Когда Лионел в первый раз затеял разговор с Региной о том, что они могли бы вместе жить, она обрадовалась, как ребенок.
– Неужели это возможно? – спросила она, бросившись в его объятия, – только ты и я в целом доме?
Лионел чувствовал глубокую признательность за такую искреннюю порывистость, проявленную маленьким, жаждущим жизни существом, крепко сжимавшим его сейчас в объятиях; был бесконечно благодарен женщине, так непосредственно отвечавшей на самые простые его желания.

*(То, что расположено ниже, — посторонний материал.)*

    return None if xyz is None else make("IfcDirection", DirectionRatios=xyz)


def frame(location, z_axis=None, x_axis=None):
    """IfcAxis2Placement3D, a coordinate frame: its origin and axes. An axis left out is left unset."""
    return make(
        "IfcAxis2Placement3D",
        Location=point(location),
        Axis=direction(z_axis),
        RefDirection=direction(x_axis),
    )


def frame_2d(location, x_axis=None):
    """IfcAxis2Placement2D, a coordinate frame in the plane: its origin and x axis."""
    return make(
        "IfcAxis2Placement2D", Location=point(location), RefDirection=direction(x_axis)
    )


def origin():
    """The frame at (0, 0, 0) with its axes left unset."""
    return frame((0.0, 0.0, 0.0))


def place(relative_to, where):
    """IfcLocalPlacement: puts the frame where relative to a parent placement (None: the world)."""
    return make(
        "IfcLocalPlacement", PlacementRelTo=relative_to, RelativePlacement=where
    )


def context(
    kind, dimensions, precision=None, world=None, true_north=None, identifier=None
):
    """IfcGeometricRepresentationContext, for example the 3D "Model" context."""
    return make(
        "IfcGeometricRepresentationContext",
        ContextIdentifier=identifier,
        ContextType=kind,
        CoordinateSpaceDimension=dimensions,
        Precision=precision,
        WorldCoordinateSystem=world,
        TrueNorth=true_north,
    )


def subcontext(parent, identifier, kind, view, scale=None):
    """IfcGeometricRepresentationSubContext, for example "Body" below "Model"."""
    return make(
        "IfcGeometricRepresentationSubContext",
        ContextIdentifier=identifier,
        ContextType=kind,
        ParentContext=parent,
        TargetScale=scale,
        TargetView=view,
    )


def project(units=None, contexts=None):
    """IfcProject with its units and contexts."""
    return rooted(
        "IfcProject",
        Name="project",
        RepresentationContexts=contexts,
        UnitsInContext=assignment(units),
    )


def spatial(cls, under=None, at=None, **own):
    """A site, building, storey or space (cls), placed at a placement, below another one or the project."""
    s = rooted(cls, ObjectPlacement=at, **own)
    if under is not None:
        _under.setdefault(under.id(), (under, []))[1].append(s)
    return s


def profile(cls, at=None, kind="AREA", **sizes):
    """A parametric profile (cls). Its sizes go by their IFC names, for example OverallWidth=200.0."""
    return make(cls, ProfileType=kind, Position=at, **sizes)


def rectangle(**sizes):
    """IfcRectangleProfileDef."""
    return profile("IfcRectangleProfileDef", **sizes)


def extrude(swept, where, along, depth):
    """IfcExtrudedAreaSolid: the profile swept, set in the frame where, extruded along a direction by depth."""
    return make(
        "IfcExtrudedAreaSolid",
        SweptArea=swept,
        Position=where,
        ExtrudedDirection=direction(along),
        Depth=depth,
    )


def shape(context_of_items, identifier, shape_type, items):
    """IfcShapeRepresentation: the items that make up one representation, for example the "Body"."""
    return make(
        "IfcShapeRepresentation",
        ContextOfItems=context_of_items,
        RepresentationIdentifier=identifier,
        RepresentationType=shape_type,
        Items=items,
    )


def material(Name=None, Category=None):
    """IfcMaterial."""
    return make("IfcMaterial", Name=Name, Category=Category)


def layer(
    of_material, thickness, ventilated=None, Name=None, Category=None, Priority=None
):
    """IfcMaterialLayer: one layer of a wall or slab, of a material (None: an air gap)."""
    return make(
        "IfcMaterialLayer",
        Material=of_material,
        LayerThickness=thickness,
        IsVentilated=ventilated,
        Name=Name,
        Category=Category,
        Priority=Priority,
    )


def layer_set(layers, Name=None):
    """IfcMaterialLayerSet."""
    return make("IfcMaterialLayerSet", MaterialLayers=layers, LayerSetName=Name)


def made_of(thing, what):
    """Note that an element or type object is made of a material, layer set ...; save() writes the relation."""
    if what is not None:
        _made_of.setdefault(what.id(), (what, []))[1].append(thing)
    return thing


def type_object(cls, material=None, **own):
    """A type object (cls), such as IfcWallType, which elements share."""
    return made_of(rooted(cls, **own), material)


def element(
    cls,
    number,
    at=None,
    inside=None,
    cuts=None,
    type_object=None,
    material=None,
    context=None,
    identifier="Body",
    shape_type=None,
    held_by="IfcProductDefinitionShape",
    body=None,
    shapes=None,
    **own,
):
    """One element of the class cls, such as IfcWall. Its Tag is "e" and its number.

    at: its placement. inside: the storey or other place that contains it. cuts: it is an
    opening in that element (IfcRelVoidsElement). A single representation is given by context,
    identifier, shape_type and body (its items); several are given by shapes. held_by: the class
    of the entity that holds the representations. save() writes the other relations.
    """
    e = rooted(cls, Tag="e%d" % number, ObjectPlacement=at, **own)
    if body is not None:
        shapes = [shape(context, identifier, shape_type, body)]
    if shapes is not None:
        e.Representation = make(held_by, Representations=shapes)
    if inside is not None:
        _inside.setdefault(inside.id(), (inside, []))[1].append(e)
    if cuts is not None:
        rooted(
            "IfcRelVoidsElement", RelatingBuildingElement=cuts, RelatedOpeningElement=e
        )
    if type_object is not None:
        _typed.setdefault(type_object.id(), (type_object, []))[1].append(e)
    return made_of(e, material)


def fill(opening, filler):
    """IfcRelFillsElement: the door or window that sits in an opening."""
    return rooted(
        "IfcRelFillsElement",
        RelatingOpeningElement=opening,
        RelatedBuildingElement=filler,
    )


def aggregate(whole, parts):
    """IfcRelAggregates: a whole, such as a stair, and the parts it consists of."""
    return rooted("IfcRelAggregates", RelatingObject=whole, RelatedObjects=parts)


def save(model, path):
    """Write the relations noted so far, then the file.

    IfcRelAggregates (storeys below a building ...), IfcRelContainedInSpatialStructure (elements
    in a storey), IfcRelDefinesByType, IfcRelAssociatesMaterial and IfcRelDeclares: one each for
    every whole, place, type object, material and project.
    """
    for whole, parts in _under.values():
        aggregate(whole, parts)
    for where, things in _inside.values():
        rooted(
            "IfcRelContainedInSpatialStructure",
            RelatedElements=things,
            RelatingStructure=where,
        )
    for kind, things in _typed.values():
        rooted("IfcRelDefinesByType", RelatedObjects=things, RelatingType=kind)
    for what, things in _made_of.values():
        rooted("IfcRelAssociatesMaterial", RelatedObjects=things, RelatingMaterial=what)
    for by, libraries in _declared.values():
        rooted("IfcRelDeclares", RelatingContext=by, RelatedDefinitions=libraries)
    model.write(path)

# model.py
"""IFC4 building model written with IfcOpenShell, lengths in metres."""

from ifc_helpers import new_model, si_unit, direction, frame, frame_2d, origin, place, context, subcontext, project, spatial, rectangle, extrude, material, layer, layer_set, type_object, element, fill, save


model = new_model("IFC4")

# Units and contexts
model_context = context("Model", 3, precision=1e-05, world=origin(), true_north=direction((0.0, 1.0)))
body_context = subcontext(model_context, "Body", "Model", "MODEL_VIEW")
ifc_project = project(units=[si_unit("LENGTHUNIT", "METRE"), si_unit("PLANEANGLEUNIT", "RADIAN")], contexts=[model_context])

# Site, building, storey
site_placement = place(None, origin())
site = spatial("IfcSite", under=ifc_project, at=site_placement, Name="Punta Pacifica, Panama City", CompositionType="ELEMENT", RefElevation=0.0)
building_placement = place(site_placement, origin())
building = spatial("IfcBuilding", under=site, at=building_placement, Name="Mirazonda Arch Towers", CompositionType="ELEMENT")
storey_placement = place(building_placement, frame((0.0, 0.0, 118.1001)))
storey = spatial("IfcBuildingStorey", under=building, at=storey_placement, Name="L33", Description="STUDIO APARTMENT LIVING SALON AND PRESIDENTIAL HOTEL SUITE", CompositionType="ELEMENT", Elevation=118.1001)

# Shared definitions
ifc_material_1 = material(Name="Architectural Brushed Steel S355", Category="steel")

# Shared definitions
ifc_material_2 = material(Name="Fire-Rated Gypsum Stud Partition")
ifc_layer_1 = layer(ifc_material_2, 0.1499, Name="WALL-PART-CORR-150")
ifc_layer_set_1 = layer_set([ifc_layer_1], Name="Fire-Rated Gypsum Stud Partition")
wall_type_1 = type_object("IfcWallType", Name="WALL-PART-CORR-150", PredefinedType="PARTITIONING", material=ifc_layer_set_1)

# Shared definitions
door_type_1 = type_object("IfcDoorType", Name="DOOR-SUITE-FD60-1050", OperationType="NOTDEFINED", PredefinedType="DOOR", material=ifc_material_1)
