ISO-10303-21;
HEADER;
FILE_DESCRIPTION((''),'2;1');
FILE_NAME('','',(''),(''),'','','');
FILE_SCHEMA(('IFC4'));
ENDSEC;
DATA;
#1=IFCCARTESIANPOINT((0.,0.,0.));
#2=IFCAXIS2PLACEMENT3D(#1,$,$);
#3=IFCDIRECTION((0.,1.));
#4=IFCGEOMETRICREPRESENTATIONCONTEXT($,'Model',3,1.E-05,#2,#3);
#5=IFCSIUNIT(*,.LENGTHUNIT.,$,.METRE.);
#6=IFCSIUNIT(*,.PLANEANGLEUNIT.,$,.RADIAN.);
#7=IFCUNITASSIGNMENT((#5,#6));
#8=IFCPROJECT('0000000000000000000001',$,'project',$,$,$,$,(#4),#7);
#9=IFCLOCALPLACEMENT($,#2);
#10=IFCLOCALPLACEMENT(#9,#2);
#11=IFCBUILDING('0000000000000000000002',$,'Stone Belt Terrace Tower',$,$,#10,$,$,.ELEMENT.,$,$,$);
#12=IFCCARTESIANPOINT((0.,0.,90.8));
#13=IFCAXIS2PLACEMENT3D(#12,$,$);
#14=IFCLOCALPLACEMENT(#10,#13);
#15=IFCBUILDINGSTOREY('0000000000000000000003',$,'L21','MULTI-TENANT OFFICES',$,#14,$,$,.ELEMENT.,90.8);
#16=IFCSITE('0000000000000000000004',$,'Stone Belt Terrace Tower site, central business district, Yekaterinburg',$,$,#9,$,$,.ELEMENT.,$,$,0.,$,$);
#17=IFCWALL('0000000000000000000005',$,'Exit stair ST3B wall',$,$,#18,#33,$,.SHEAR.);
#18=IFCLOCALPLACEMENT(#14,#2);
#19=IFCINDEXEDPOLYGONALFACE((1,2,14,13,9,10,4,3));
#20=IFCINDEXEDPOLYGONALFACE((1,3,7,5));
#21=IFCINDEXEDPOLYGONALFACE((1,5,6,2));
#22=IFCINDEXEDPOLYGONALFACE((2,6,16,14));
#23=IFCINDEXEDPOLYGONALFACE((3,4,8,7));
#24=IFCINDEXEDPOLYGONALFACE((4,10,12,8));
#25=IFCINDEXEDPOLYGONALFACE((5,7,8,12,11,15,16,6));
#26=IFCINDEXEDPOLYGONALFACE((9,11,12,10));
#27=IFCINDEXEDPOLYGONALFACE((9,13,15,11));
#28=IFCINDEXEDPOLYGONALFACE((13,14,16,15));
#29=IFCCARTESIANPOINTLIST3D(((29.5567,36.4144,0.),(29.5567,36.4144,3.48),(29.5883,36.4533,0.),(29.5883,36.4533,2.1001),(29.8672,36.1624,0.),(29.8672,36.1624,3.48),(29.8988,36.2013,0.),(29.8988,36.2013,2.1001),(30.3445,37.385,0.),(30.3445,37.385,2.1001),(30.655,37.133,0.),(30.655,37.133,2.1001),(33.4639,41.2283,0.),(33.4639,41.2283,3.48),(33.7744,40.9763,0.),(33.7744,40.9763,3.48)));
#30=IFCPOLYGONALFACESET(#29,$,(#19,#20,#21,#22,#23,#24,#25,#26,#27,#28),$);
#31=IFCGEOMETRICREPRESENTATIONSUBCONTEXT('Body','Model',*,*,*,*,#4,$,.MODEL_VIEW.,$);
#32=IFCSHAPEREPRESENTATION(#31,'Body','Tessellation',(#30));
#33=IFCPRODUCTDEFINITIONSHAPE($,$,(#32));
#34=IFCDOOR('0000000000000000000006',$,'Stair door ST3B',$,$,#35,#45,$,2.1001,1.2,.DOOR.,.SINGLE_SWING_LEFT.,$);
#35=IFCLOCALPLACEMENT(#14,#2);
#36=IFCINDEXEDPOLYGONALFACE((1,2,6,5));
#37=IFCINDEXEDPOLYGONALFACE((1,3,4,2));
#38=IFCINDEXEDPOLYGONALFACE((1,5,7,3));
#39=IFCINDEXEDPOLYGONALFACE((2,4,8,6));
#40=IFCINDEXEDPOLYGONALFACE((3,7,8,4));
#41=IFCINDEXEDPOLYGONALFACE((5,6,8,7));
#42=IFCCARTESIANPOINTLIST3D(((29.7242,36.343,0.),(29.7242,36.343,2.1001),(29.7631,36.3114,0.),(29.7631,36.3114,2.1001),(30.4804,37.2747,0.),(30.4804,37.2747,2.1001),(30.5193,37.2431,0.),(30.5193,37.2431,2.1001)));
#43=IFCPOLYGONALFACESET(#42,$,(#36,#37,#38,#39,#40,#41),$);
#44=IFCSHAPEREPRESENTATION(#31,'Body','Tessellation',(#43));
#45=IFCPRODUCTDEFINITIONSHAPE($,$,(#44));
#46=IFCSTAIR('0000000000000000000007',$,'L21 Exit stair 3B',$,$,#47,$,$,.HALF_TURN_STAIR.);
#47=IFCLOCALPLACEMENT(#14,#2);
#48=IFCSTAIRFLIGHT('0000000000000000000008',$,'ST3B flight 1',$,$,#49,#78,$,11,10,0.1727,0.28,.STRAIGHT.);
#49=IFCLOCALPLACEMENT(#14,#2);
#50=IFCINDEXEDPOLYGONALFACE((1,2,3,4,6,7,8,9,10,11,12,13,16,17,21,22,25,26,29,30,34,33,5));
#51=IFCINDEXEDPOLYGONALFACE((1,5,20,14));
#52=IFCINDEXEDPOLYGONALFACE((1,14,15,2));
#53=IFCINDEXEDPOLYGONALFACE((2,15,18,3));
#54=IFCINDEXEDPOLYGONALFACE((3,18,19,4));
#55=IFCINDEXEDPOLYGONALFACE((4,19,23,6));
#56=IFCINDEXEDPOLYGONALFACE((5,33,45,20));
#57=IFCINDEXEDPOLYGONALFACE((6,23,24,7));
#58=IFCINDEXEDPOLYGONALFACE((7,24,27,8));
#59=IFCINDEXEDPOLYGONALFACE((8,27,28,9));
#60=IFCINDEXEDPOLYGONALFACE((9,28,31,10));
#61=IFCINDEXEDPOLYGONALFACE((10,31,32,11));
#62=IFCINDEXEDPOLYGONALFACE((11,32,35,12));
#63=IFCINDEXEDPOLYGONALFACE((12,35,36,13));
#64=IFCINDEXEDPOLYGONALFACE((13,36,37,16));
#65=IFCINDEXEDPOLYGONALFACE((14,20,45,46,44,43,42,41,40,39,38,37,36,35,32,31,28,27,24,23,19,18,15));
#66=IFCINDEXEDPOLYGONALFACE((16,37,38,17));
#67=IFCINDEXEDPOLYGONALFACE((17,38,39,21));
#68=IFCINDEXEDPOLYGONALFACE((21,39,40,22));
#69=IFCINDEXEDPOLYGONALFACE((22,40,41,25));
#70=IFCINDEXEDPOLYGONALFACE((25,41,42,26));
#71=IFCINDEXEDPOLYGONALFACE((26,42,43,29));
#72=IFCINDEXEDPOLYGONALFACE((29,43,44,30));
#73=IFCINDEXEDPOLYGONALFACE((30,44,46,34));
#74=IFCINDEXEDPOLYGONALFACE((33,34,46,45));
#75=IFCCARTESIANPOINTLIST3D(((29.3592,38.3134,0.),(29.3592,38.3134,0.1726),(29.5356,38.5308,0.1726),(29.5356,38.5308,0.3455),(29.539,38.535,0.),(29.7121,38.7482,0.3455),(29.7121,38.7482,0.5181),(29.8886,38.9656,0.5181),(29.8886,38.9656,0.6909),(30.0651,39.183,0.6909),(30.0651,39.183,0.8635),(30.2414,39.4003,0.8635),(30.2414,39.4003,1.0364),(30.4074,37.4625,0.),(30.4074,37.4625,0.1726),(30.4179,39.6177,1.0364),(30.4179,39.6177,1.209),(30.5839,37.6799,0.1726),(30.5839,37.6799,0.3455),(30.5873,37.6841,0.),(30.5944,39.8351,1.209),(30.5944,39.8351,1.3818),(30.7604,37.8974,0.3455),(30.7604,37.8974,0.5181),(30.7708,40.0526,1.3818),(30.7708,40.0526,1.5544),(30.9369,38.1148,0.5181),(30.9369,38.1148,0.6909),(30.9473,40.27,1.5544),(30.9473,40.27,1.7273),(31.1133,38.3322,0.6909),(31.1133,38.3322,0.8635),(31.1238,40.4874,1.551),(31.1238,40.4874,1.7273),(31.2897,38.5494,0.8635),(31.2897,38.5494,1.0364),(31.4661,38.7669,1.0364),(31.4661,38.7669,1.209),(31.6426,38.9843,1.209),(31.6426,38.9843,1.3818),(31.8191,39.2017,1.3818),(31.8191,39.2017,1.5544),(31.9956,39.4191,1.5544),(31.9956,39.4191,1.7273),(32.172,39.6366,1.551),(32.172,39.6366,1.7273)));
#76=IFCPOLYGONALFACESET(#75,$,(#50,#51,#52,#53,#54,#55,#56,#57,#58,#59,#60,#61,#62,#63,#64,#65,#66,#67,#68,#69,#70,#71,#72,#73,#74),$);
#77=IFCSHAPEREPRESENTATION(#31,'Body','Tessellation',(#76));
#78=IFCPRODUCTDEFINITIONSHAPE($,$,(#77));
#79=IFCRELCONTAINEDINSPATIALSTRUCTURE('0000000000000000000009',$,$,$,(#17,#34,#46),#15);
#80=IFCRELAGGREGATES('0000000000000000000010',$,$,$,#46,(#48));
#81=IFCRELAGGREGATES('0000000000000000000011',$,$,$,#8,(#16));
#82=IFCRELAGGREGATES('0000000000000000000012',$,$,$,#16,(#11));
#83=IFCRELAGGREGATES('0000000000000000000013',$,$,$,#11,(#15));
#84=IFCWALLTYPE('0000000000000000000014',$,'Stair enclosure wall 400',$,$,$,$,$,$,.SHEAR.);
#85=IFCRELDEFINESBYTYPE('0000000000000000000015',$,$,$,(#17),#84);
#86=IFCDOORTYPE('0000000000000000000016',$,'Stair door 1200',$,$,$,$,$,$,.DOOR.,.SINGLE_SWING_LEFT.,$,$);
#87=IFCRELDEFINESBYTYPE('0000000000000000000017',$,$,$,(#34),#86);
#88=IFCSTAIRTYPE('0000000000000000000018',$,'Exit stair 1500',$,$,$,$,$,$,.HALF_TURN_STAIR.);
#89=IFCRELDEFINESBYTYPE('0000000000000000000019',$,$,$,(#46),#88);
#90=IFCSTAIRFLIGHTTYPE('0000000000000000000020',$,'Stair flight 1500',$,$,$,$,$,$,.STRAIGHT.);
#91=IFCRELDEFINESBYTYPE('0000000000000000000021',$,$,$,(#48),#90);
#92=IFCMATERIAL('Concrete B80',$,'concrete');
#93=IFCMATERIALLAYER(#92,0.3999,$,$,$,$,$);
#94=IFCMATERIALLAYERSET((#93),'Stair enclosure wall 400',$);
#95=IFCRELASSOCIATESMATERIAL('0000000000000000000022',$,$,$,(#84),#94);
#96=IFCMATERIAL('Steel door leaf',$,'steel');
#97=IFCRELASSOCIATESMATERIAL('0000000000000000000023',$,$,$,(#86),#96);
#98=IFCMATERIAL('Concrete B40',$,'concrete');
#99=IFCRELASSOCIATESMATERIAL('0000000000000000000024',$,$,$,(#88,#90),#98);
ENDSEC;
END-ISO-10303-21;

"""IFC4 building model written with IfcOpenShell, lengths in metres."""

from ifc_helpers import new_model, si_unit, direction, frame, frame_2d, origin, place, context, subcontext, project, spatial, polyline, rectangle, outline, extrude, material, layer, layer_set, type_object, element, fill, aggregate, save


model = new_model("IFC4")

# Units and contexts
model_context = context("Model", 3, precision=1e-05, world=origin(), true_north=direction((0.0, 1.0)))
body_context = subcontext(model_context, "Body", "Model", "MODEL_VIEW")
ifc_project = project(units=[si_unit("LENGTHUNIT", "METRE"), si_unit("PLANEANGLEUNIT", "RADIAN")], contexts=[model_context])

# Site, building, storey
site_placement = place(None, origin())
site = spatial("IfcSite", under=ifc_project, at=site_placement, Name="Stone Belt Terrace Tower site, central business district, Yekaterinburg", CompositionType="ELEMENT", RefElevation=0.0)
building_placement = place(site_placement, origin())
building = spatial("IfcBuilding", under=site, at=building_placement, Name="Stone Belt Terrace Tower", CompositionType="ELEMENT")
storey_placement = place(building_placement, frame((0.0, 0.0, 90.8)))
storey = spatial("IfcBuildingStorey", under=building, at=storey_placement, Name="L21", Description="MULTI-TENANT OFFICES", CompositionType="ELEMENT", Elevation=90.8)

# Shared definitions
ifc_material_1 = material(Name="Concrete B80", Category="concrete")

# Shared definitions
ifc_material_2 = material(Name="Concrete B40", Category="concrete")

# Shared definitions
ifc_layer_1 = layer(ifc_material_1, 0.3999)
ifc_layer_set_1 = layer_set([ifc_layer_1], Name="Stair enclosure wall 400")
wall_type_1 = type_object("IfcWallType", Name="Stair enclosure wall 400", PredefinedType="SHEAR", material=ifc_layer_set_1)
ifc_material_3 = material(Name="Steel door leaf", Category="steel")

# Wall, opening, door
wall_1_placement = place(storey_placement, frame((29.7119, 36.2883, 0.0), z_axis=(0.0, 0.0, 1.0), x_axis=(0.630192, 0.776439, 0.0)))
wall_1 = element("IfcWall", 1, at=wall_1_placement, inside=storey, type_object=wall_type_1, Name="Exit stair ST3B wall", PredefinedType="SHEAR", context=body_context, shape_type="SweptSolid", body=[
    extrude(rectangle(XDim=6.2, YDim=0.3999, at=frame_2d((3.1001, 0.0))), origin(), (0.0, 0.0, 1.0), 3.48),
])
opening_1_placement = place(wall_1_placement, frame((0.05, 0.0, 0.0)))
opening_1 = element("IfcOpeningElement", 2, at=opening_1_placement, cuts=wall_1, PredefinedType="OPENING", context=body_context, shape_type="SweptSolid", body=[
    extrude(rectangle(XDim=1.2, YDim=2.1001, at=frame_2d((0.6001, 1.05))), frame((0.0, 0.21, 0.0), z_axis=(0.0, -1.0, 0.0), x_axis=(1.0, 0.0, 0.0)), (0.0, 0.0, 1.0), 0.4199),
])
door_type_1 = type_object("IfcDoorType", Name="Stair door 1200", OperationType="SINGLE_SWING_LEFT", PredefinedType="DOOR", material=ifc_material_3)
door_1_placement = place(opening_1_placement, origin())
door_1 = element("IfcDoor", 3, at=door_1_placement, inside=storey, type_object=door_type_1, Name="Stair door ST3B", OperationType="SINGLE_SWING_LEFT", OverallHeight=2.1001, OverallWidth=1.2, PredefinedType="DOOR", context=body_context, shape_type="SweptSolid", body=[
    extrude(rectangle(XDim=1.2, YDim=2.1001, at=frame_2d((0.6001, 1.05))), frame((0.0, 0.0249, 0.0), z_axis=(0.0, -1.0, 0.0), x_axis=(1.0, 0.0, 0.0)), (0.0, 0.0, 1.0), 0.05),
])
fill(opening_1, door_1)

# Stair, stair flight
stair_type = type_object("IfcStairType", Name="Exit stair 1500", PredefinedType="HALF_TURN_STAIR", material=ifc_material_2)
stair_placement = place(storey_placement, origin())
stair = element("IfcStair", 4, at=stair_placement, inside=storey, type_object=stair_type, Name="L21 Exit stair 3B", PredefinedType="HALF_TURN_STAIR")
stair_flight_type = type_object("IfcStairFlightType", Name="Stair flight 1500", PredefinedType="STRAIGHT", material=ifc_material_2)
stair_flight_placement = place(storey_placement, frame((29.8833, 37.8879, 0.0), z_axis=(0.0, 0.0, 1.0), x_axis=(0.630206, 0.776428, 0.0)))
stair_flight = element("IfcStairFlight", 5, at=stair_flight_placement, type_object=stair_flight_type, Name="ST3B flight 1", NumberOfRisers=11, NumberOfTreads=10, PredefinedType="STRAIGHT", RiserHeight=0.1727, TreadLength=0.28, context=body_context, shape_type="SweptSolid", body=[
    extrude(outline(polyline([(0.0, 0.0), (0.0, 0.1726), (0.28, 0.1726), (0.28, 0.3455), (0.5601, 0.3455), (0.5601, 0.5181), (0.8401, 0.5181), (0.8401, 0.6909), (1.1201, 0.6909), (1.1201, 0.8635), (1.3999, 0.8635), (1.3999, 1.0364), (1.6799, 1.0364), (1.6799, 1.209), (1.96, 1.209), (1.96, 1.3818), (2.24, 1.3818), (2.24, 1.5544), (2.52, 1.5544), (2.52, 1.7273), (2.8, 1.7273), (2.8, 1.8999), (2.8, 1.551), (0.2854, 0.0), (0.0, 0.0)])), frame((0.0, 0.675, 0.0), z_axis=(0.0, -1.0, 0.0), x_axis=(1.0, 0.0, 0.0)), (0.0, 0.0, 1.0), 1.3501),
])
aggregate(stair, [stair_flight])

save(model, "model.ifc")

– Ты понимаешь, что никогда и никому не сможешь рассказать, кто я такой и в каких мы с тобой отношениях, что это навсегда будет оставаться тайной?
– Я обещаю! Обещаю! – воскликнула Регина. Прошло еще несколько лет, прежде чем Регина испытала настоящее чувство любви и привязанности к Лионелу, хотя она была увлечена им, находила весьма интересным человеком, который и к ней не оставался равнодушным. Когда Лионел сделал Регине предложение, ее все еще неотступно преследовала мысль о том, что вполне возможно может потерять свое место в «Большом Доме» или из-за плохого здоровья, или подцепив сифилис. Мрачный образ жизни в Хонитоне часто являлся ей в кошмарных снах. Лионел предложил ей возможность шагнуть вверх, обрести большую безопасность, тем более, что он сулил ей полную обеспеченность до конца дней. История и в самом деле продолжала оставаться их тайной вплоть до дня его смерти, когда его завещание прочли в присутствии тети Беа и Эмили. В этот момент тетя Беа была совершенно выбита из своей колеи, что случилось с ней впервые в жизни. Она закричала и зарыдала, как женщина, которую предали. Таковой она и была на самом деле.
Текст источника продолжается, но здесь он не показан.